For a while, I tended to put my phone in one of the upper, buttonable pockets of a shirt/jacket I'd bought, but when that phone died, the only second hand phone with a keyboard I could find that I could afford was too big to fit into that. Now I have to keep the unloved bastard piece of poorly designed technology in my handbag if i want to be sure I won't lose it in my everyday routine. Between stupidly large sizing and stupidly user-unfriendly software, it's almost as if they don't want people to use mobile phones, IMHO. Grrr..
C'mon Mr Dabbs, you need to make this a family affair - if Mrs D can find a suitable nail bar, she can get your next batch of microSDHCs taken out the country safely, on her hands. The nail technician could decorate them beautifully.
Why, if you can afford it, you could probably get her to carry up to 10Gbs-worth without fear of *cough* intrusive searches - that should be just enough space for a PowerPoint!
Somewhere in the cosmos, he said, along with all the planets inhabited by humanoids, reptiloids, fishoids, walking treeoids and superintelligent shades of the color blue, there was also a planet entirely given over to ballpoint USB Drive life forms. And it was to this planet that unattended ballpoint USB Drives would make their way, slipping away quietly through wormholes in space to a world where they knew they could enjoy a uniquely ballpoint USB Driveoid lifestyle, responding to highly ballpoint USB Drive-oriented stimuli, and generally leading the ballpoint USB Drive equivalent of the good life.
I keep my Galaxy S3 Mini in the left breast pocket of my shirt.

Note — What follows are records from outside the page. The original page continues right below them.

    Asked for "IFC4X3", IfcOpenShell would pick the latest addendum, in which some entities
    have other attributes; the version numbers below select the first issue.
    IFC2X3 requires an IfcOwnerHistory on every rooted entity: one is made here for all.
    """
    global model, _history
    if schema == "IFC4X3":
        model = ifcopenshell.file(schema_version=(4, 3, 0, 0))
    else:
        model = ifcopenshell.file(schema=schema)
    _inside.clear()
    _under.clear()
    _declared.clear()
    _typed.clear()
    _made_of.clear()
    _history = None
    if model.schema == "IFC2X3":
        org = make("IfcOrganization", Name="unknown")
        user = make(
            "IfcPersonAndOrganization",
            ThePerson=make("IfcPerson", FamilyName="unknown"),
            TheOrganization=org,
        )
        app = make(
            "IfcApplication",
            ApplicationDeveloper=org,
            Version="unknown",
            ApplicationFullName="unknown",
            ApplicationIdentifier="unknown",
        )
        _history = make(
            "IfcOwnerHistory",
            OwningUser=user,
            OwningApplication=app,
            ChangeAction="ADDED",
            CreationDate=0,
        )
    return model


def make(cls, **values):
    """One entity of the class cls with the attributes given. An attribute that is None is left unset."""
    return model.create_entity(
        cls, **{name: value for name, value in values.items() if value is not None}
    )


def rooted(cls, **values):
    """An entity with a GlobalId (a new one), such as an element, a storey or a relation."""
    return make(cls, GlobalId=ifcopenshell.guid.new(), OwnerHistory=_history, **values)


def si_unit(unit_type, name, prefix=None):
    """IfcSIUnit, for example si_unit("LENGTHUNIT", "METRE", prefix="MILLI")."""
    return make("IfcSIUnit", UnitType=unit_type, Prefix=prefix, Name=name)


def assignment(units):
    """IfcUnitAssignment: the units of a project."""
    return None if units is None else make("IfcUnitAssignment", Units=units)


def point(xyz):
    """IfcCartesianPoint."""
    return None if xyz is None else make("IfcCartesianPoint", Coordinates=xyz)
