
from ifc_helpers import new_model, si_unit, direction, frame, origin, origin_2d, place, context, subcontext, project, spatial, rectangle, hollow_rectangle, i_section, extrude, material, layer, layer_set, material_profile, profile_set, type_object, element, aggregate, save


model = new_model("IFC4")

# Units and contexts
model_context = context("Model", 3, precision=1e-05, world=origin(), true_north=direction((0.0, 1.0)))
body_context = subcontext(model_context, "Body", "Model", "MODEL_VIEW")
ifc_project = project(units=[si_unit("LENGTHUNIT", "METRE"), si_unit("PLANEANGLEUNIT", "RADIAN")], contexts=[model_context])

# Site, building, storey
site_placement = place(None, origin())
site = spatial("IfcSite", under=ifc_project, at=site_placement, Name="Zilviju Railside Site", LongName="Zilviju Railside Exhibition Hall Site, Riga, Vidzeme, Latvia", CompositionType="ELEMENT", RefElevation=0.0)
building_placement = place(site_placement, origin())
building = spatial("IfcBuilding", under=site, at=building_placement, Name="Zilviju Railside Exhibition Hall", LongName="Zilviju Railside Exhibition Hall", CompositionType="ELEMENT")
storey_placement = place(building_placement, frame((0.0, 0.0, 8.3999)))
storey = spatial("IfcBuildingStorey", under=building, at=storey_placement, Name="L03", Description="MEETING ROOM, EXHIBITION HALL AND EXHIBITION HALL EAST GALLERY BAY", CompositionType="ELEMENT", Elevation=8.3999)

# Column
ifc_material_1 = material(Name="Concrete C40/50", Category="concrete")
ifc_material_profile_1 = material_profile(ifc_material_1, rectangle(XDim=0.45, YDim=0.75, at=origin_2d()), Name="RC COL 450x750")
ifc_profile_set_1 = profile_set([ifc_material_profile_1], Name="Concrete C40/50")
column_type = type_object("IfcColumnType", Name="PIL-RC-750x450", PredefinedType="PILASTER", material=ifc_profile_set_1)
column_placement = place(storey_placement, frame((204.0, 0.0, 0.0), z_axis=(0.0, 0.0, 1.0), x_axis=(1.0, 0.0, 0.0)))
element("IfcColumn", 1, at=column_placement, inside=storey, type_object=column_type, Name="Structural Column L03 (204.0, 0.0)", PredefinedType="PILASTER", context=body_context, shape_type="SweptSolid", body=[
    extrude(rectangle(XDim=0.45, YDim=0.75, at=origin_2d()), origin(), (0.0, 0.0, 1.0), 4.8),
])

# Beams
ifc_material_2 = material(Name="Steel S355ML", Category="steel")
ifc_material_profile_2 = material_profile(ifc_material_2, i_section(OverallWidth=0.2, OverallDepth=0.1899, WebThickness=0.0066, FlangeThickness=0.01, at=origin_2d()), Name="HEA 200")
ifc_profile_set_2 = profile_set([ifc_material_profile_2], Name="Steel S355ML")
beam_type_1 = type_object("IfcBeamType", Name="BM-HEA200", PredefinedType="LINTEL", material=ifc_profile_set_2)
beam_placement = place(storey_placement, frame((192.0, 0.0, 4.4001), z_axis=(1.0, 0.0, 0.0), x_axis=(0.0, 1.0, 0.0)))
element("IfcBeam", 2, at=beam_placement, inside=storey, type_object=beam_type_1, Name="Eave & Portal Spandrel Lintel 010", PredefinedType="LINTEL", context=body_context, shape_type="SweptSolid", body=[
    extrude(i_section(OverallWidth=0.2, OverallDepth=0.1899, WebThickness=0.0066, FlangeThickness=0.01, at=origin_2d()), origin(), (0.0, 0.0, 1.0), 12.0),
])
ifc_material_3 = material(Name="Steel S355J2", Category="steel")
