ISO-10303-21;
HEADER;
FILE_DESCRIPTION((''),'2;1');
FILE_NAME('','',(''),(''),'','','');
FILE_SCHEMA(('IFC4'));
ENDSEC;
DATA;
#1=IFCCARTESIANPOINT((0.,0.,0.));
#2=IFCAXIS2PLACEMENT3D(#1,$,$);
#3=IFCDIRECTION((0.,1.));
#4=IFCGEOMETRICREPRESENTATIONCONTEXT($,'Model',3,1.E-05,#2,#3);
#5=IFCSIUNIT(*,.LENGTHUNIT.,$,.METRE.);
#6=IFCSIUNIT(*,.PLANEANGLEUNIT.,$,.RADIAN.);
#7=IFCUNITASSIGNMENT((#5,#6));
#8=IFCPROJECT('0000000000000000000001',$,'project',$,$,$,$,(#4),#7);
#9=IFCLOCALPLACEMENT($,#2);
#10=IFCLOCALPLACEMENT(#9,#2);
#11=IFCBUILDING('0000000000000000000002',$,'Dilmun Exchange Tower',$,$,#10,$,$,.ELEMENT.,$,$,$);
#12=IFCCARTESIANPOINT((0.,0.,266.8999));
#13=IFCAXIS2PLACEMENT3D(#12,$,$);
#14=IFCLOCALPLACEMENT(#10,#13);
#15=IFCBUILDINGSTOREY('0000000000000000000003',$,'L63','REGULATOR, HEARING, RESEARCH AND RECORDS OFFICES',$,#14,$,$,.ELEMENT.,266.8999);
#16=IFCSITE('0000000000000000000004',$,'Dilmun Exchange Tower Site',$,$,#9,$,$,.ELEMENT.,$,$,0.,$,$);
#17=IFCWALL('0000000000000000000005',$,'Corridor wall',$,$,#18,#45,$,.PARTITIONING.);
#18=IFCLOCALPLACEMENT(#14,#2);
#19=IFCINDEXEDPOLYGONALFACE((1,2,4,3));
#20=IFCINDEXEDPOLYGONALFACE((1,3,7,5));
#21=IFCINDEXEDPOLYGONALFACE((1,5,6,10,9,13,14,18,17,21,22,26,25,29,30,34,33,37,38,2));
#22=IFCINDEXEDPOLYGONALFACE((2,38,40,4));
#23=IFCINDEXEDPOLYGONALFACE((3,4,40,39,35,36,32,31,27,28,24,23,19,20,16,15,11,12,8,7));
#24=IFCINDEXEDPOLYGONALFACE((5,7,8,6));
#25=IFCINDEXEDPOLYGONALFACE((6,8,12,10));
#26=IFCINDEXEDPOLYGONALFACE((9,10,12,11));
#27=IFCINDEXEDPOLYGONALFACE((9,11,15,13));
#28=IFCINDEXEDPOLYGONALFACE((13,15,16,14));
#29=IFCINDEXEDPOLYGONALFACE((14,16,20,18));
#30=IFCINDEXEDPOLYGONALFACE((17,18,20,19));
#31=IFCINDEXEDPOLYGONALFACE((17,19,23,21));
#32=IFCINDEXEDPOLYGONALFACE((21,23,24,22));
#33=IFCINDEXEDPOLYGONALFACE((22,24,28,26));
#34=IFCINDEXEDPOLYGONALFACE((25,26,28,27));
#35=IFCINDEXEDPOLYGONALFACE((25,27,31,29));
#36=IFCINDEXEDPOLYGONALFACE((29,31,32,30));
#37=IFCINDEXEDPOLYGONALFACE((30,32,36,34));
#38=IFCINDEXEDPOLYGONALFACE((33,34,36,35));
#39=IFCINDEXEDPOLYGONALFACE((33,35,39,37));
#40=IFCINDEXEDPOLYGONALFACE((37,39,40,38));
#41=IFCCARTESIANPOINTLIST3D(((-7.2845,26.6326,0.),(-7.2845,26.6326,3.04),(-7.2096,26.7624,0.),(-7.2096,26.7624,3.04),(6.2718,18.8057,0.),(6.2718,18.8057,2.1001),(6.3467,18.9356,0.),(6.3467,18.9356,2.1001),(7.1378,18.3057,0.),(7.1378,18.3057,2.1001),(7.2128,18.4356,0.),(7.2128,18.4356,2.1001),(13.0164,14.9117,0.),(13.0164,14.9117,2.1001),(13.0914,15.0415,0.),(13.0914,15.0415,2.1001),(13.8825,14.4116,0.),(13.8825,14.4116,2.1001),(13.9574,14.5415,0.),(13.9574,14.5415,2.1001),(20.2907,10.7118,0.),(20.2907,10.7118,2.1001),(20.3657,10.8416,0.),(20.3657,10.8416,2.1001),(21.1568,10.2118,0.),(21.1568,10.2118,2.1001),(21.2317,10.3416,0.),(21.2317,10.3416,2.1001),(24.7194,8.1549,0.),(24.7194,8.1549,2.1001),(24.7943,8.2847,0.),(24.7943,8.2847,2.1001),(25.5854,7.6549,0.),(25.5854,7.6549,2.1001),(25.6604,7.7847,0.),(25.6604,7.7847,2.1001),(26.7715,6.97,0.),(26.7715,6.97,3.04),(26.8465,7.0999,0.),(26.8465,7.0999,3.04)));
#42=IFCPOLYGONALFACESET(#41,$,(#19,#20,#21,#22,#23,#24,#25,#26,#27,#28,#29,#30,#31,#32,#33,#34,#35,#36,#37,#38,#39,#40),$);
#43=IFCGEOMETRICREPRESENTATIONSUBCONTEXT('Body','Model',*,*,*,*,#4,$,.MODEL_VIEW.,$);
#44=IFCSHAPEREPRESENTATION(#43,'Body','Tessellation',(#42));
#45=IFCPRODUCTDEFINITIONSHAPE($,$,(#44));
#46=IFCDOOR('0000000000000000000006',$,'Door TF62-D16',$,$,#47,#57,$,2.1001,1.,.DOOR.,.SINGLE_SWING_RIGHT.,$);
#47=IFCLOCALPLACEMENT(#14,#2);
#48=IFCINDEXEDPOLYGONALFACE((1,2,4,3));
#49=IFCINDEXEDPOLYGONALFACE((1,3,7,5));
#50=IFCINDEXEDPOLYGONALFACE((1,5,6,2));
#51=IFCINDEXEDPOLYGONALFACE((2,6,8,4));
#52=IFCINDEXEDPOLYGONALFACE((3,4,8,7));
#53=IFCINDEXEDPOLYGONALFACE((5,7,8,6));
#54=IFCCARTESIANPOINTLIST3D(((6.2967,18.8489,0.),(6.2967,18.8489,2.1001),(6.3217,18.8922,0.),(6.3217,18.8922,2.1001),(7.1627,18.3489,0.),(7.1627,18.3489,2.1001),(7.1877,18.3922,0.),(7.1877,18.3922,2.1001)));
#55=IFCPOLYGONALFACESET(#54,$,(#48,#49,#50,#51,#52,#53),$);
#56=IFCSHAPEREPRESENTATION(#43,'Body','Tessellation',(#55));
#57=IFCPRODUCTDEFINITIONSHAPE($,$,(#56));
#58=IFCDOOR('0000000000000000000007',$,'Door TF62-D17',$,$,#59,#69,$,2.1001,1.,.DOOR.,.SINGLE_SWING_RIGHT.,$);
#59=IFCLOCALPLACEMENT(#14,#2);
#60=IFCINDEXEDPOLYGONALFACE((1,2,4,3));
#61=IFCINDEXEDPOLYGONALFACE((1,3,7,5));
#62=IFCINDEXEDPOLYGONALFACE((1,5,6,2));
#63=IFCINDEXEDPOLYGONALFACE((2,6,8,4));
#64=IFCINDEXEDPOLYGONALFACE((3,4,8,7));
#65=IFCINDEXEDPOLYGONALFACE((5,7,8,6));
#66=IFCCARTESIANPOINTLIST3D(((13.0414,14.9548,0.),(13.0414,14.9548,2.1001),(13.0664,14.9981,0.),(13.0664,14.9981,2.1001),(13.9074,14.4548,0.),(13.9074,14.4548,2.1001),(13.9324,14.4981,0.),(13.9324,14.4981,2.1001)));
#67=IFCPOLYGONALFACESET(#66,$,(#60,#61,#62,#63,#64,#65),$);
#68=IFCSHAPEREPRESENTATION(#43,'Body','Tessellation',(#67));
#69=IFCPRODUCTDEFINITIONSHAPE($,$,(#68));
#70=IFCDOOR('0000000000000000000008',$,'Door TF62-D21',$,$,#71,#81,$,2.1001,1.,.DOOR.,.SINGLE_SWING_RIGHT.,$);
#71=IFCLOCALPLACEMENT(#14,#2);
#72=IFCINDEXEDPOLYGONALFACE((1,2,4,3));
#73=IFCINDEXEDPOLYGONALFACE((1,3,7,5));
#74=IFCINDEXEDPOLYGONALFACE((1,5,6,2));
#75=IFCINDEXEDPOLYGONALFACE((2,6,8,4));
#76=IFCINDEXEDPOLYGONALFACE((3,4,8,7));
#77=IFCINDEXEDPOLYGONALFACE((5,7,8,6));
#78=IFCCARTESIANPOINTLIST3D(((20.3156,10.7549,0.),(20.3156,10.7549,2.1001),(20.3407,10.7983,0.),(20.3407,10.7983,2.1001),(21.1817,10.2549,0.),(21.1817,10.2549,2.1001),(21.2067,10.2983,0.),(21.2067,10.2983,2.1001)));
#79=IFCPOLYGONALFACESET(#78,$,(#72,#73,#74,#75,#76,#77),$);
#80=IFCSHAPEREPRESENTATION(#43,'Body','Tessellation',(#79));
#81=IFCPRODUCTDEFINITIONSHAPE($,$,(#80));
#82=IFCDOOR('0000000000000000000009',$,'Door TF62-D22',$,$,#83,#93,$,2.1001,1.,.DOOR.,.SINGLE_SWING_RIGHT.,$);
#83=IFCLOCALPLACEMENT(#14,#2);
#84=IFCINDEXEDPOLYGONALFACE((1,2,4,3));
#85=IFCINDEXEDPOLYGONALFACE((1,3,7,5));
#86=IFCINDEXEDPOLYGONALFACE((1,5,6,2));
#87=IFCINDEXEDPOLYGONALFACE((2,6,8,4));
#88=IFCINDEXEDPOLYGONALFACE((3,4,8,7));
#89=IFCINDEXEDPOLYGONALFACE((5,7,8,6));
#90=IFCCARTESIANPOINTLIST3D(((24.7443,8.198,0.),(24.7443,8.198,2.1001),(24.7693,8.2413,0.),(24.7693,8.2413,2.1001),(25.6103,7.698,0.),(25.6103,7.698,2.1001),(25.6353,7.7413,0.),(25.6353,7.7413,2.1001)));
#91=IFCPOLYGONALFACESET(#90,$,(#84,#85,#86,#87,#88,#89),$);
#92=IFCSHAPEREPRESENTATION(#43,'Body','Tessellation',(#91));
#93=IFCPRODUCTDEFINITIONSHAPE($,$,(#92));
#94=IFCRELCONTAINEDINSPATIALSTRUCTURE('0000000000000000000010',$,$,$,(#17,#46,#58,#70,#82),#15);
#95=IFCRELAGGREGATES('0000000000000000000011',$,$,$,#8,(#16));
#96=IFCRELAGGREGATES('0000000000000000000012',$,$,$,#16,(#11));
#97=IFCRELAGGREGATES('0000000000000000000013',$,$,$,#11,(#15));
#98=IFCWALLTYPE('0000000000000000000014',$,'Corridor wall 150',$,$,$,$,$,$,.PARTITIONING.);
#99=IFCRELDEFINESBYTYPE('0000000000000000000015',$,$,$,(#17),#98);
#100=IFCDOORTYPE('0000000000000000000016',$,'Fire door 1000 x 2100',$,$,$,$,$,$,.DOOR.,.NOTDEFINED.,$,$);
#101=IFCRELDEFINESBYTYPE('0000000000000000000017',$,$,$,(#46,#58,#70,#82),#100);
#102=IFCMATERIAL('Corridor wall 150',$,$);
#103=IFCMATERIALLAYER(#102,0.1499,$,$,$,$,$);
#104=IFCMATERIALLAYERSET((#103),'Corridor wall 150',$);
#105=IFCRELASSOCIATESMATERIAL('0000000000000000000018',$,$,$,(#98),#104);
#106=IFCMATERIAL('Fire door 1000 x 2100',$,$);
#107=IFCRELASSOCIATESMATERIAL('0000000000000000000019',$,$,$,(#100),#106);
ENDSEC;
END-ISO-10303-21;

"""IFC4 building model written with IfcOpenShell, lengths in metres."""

from ifc_helpers import new_model, si_unit, direction, frame, frame_2d, origin, place, context, subcontext, project, spatial, rectangle, extrude, material, layer, layer_set, type_object, element, fill, save


model = new_model("IFC4")

# Units and contexts
model_context = context("Model", 3, precision=1e-05, world=origin(), true_north=direction((0.0, 1.0)))
body_context = subcontext(model_context, "Body", "Model", "MODEL_VIEW")
ifc_project = project(units=[si_unit("LENGTHUNIT", "METRE"), si_unit("PLANEANGLEUNIT", "RADIAN")], contexts=[model_context])

# Site, building, storey
site_placement = place(None, origin())
site = spatial("IfcSite", under=ifc_project, at=site_placement, Name="Dilmun Exchange Tower Site", CompositionType="ELEMENT", RefElevation=0.0)
building_placement = place(site_placement, origin())
building = spatial("IfcBuilding", under=site, at=building_placement, Name="Dilmun Exchange Tower", CompositionType="ELEMENT")
storey_placement = place(building_placement, frame((0.0, 0.0, 266.8999)))
storey = spatial("IfcBuildingStorey", under=building, at=storey_placement, Name="L63", Description="REGULATOR, HEARING, RESEARCH AND RECORDS OFFICES", CompositionType="ELEMENT", Elevation=266.8999)

# Shared definitions
ifc_material_1 = material(Name="Corridor wall 150")
ifc_layer_1 = layer(ifc_material_1, 0.1499)
ifc_layer_set_1 = layer_set([ifc_layer_1], Name="Corridor wall 150")
wall_type = type_object("IfcWallType", Name="Corridor wall 150", PredefinedType="PARTITIONING", material=ifc_layer_set_1)

# Wall, openings, doors
wall_1_placement = place(storey_placement, frame((-7.2471, 26.6975, 0.0), z_axis=(0.0, 0.0, 1.0), x_axis=(0.866022, -0.500005, 0.0)))
wall_1 = element("IfcWall", 1, at=wall_1_placement, inside=storey, type_object=wall_type, Name="Corridor wall", PredefinedType="PARTITIONING", context=body_context, shape_type="SweptSolid", body=[
    extrude(rectangle(XDim=39.3247, YDim=0.1499, at=frame_2d((19.6624, 0.0))), origin(), (0.0, 0.0, 1.0), 3.04),
])
opening_1_placement = place(wall_1_placement, frame((15.6536, 0.0, 0.0)))
opening_1 = element("IfcOpeningElement", 2, at=opening_1_placement, cuts=wall_1, PredefinedType="OPENING", context=body_context, shape_type="SweptSolid", body=[
    extrude(rectangle(XDim=1.0, YDim=2.1001, at=frame_2d((0.5, 1.05))), frame((0.0, 0.085, 0.0), z_axis=(0.0, -1.0, 0.0), x_axis=(1.0, 0.0, 0.0)), (0.0, 0.0, 1.0), 0.1699),
])
opening_2_placement = place(wall_1_placement, frame((23.4417, 0.0, 0.0)))
opening_2 = element("IfcOpeningElement", 3, at=opening_2_placement, cuts=wall_1, PredefinedType="OPENING", context=body_context, shape_type="SweptSolid", body=[
    extrude(rectangle(XDim=1.0, YDim=2.1001, at=frame_2d((0.5, 1.05))), frame((0.0, 0.085, 0.0), z_axis=(0.0, -1.0, 0.0), x_axis=(1.0, 0.0, 0.0)), (0.0, 0.0, 1.0), 0.1699),
])
opening_3_placement = place(wall_1_placement, frame((31.8413, 0.0, 0.0)))
opening_3 = element("IfcOpeningElement", 4, at=opening_3_placement, cuts=wall_1, PredefinedType="OPENING", context=body_context, shape_type="SweptSolid", body=[
    extrude(rectangle(XDim=1.0, YDim=2.1001, at=frame_2d((0.5, 1.05))), frame((0.0, 0.085, 0.0), z_axis=(0.0, -1.0, 0.0), x_axis=(1.0, 0.0, 0.0)), (0.0, 0.0, 1.0), 0.1699),
])
opening_4_placement = place(wall_1_placement, frame((36.9551, 0.0, 0.0)))
opening_4 = element("IfcOpeningElement", 5, at=opening_4_placement, cuts=wall_1, PredefinedType="OPENING", context=body_context, shape_type="SweptSolid", body=[
    extrude(rectangle(XDim=1.0, YDim=2.1001, at=frame_2d((0.5, 1.05))), frame((0.0, 0.085, 0.0), z_axis=(0.0, -1.0, 0.0), x_axis=(1.0, 0.0, 0.0)), (0.0, 0.0, 1.0), 0.1699),
])
ifc_material_2 = material(Name="Fire door 1000 x 2100")
door_type = type_object("IfcDoorType", Name="Fire door 1000 x 2100", OperationType="NOTDEFINED", PredefinedType="DOOR", material=ifc_material_2)
door_1_placement = place(opening_1_placement, origin())
door_1 = element("IfcDoor", 6, at=door_1_placement, inside=storey, type_object=door_type, Name="Door TF62-D16", OperationType="SINGLE_SWING_RIGHT", OverallHeight=2.1001, OverallWidth=1.0, PredefinedType="DOOR", context=body_context, shape_type="SweptSolid", body=[
    extrude(rectangle(XDim=1.0, YDim=2.1001, at=frame_2d((0.5, 1.05))), frame((0.0, 0.0249, 0.0), z_axis=(0.0, -1.0, 0.0), x_axis=(1.0, 0.0, 0.0)), (0.0, 0.0, 1.0), 0.05),
])
fill(opening_1, door_1)
door_2_placement = place(opening_2_placement, origin())
door_2 = element("IfcDoor", 7, at=door_2_placement, inside=storey, type_object=door_type, Name="Door TF62-D17", OperationType="SINGLE_SWING_RIGHT", OverallHeight=2.1001, OverallWidth=1.0, PredefinedType="DOOR", context=body_context, shape_type="SweptSolid", body=[
    extrude(rectangle(XDim=1.0, YDim=2.1001, at=frame_2d((0.5, 1.05))), frame((0.0, 0.0249, 0.0), z_axis=(0.0, -1.0, 0.0), x_axis=(1.0, 0.0, 0.0)), (0.0, 0.0, 1.0), 0.05),
])
fill(opening_2, door_2)
door_3_placement = place(opening_3_placement, origin())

It has a curved back and a flat glass screen, so it only fits comfortably one way - with the glass towards my body. The trouble I find is that when someone rings me, and the screen goes live, I often accidentally answer by swiping with my left nipple. Similarly, if an alarm is set and triggers, for the next few minutes, until it goes to sleep again, every involuntary move on my part results in a series of bleats from inside my coat, which gets me some curious looks and smirks from nearby onlookers.